Budget 'disproportionally impacts welfare recipients', according to ESRI

Paschal Donohoe freezing welfare, tax bands and credits in this week's budget have affected people who are already the worst off and will push up child-poverty-at-risk rates, according to the ESRI.

Budget 'disproportionally impacts welfare recipients', according to ESRI

Paschal Donohoe freezing welfare, tax bands and credits in this week's budget have affected people who are already the worst off and will push up child-poverty-at-risk rates, according to leading think tank, the Economic and Social Research Institute (ESRI).

In its first assessment examining the relative winners and losers of Budget 2020, researchers at the ESRI told a conference that the budget overall was “sensible and prudent” as the Government prepared the State’s defences for a potentially damaging crash-out Brexit.

But the tax measures will mean most households will end up with lower incomes while the poorest will fare relatively badly because low-income groups depend more than others on now-frozen welfare payment rates.

The ESRI again reiterated its previous assessment that the Help to Buy Scheme – designed to help first-time buyers save for a deposit to buy a home – is “poorly designed” because there is evidence that many people tapping the incentive don’t need it in the first place and it could lead to higher house prices.

Karina Doorley and Barra Roantree said that the findings take into account forecasts for wage and price increases and establish a benchmark to assess the ways different income groups have fared in this budget compared with previous budgets.

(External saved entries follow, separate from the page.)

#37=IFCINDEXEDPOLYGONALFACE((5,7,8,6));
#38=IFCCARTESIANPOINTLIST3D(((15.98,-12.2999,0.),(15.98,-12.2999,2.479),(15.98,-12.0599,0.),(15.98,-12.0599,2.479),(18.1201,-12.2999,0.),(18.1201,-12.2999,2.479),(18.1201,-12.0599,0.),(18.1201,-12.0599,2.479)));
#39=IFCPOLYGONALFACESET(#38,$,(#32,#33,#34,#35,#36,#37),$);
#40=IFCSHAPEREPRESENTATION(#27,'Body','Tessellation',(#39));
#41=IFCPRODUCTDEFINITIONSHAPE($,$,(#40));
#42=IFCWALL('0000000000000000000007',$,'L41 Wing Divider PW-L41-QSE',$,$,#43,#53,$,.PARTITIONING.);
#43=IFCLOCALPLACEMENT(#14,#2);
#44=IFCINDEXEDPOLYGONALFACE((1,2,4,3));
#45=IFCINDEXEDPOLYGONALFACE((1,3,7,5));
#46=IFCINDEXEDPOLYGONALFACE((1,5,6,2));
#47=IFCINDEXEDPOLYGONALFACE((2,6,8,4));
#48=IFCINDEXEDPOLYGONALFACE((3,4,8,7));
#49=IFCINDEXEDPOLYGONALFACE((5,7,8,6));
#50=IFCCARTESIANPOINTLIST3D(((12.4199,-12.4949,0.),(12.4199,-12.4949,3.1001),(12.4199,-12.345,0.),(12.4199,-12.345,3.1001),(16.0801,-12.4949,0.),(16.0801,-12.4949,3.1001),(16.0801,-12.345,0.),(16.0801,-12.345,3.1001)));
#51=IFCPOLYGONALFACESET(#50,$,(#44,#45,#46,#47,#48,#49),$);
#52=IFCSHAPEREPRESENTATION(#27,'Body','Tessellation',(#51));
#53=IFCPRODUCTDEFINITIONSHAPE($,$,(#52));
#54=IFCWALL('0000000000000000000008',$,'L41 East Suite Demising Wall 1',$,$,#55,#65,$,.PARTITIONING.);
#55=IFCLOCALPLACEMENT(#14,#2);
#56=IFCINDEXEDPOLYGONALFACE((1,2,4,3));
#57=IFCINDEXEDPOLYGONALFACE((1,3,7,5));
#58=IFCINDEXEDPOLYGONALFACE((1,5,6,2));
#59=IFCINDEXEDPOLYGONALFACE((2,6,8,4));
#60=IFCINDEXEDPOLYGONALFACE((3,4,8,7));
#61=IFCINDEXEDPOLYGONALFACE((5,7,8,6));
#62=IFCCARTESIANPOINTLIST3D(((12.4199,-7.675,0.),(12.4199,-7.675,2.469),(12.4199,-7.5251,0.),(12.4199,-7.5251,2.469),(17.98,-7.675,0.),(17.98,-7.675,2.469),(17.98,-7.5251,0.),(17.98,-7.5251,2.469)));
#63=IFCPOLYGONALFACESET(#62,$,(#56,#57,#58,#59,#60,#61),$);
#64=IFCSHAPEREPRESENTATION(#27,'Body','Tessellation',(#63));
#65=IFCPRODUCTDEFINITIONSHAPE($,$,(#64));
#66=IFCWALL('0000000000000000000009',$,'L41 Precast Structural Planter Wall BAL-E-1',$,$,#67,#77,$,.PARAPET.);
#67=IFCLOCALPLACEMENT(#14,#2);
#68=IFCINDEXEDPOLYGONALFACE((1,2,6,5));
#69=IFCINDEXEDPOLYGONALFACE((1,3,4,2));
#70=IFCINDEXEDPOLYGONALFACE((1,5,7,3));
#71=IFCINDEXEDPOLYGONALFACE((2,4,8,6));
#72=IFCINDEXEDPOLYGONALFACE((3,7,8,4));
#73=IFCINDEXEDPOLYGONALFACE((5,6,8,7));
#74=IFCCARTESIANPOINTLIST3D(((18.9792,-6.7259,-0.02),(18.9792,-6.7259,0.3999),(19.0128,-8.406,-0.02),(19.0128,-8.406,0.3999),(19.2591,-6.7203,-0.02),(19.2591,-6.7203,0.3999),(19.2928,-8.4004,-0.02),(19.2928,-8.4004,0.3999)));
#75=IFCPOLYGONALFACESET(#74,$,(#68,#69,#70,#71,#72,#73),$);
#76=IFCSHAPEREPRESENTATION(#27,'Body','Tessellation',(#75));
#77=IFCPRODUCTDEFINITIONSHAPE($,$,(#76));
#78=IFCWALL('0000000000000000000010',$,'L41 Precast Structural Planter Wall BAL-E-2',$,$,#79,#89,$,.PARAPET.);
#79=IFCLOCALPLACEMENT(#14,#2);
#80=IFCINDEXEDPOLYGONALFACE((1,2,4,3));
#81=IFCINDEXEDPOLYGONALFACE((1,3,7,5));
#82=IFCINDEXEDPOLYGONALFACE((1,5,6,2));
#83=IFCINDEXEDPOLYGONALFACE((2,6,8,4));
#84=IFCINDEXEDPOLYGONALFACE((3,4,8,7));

Some of the hit taken by low-income households is offset by spending programmes and by the Government’s National Childcare Scheme, but relative child poverty rates will nonetheless increase, Ms Doorley said.

“Budget 2020 disproportionally impacts welfare recipients compared to a wage-indexed 2019 Budget,” she said.

On the same basis, the incomes of lone parents and retirees whether retired couples or in single households fare relatively badly, according to the assessment.

And measures that look at “poverty gaps” and “at-risk-of-poverty rates” for all households, as well as for children, will rise because of the budget, under the benchmarks used by the ESRI in its assessment.

The budget was neutral, however, when it assessed whether it benefited women or men the most, the ESRI said.

At a cost of around €1.5bn, Ms Doorley said that indexing tax and welfare was “costly” and that some of the regressive effects of the budget would also be offset by “hard to value” spending on healthcare.

And the budget was a “prudent overall fiscal stance with extra spending if a no-deal Brexit” were to happen, the ESRI said.

Mr Roantree said the budget package included increases of more than €2.5bn in current spending and €794m in capital spending, and resulted in a net increase in taxes of €426m for the exchequer.

On the Help to Buy Scheme, Mr Roantree said the decision to extend the incentive to 2021 will cost the exchequer €200m and has worked out “far more expensive than anticipated” when first introduced three years ago.

Economists generally do not like property transaction taxes but the hike in the commercial property stamp duty, which raises over €140m, has a “coherent rationale” given the risk of overheating in construction, he said.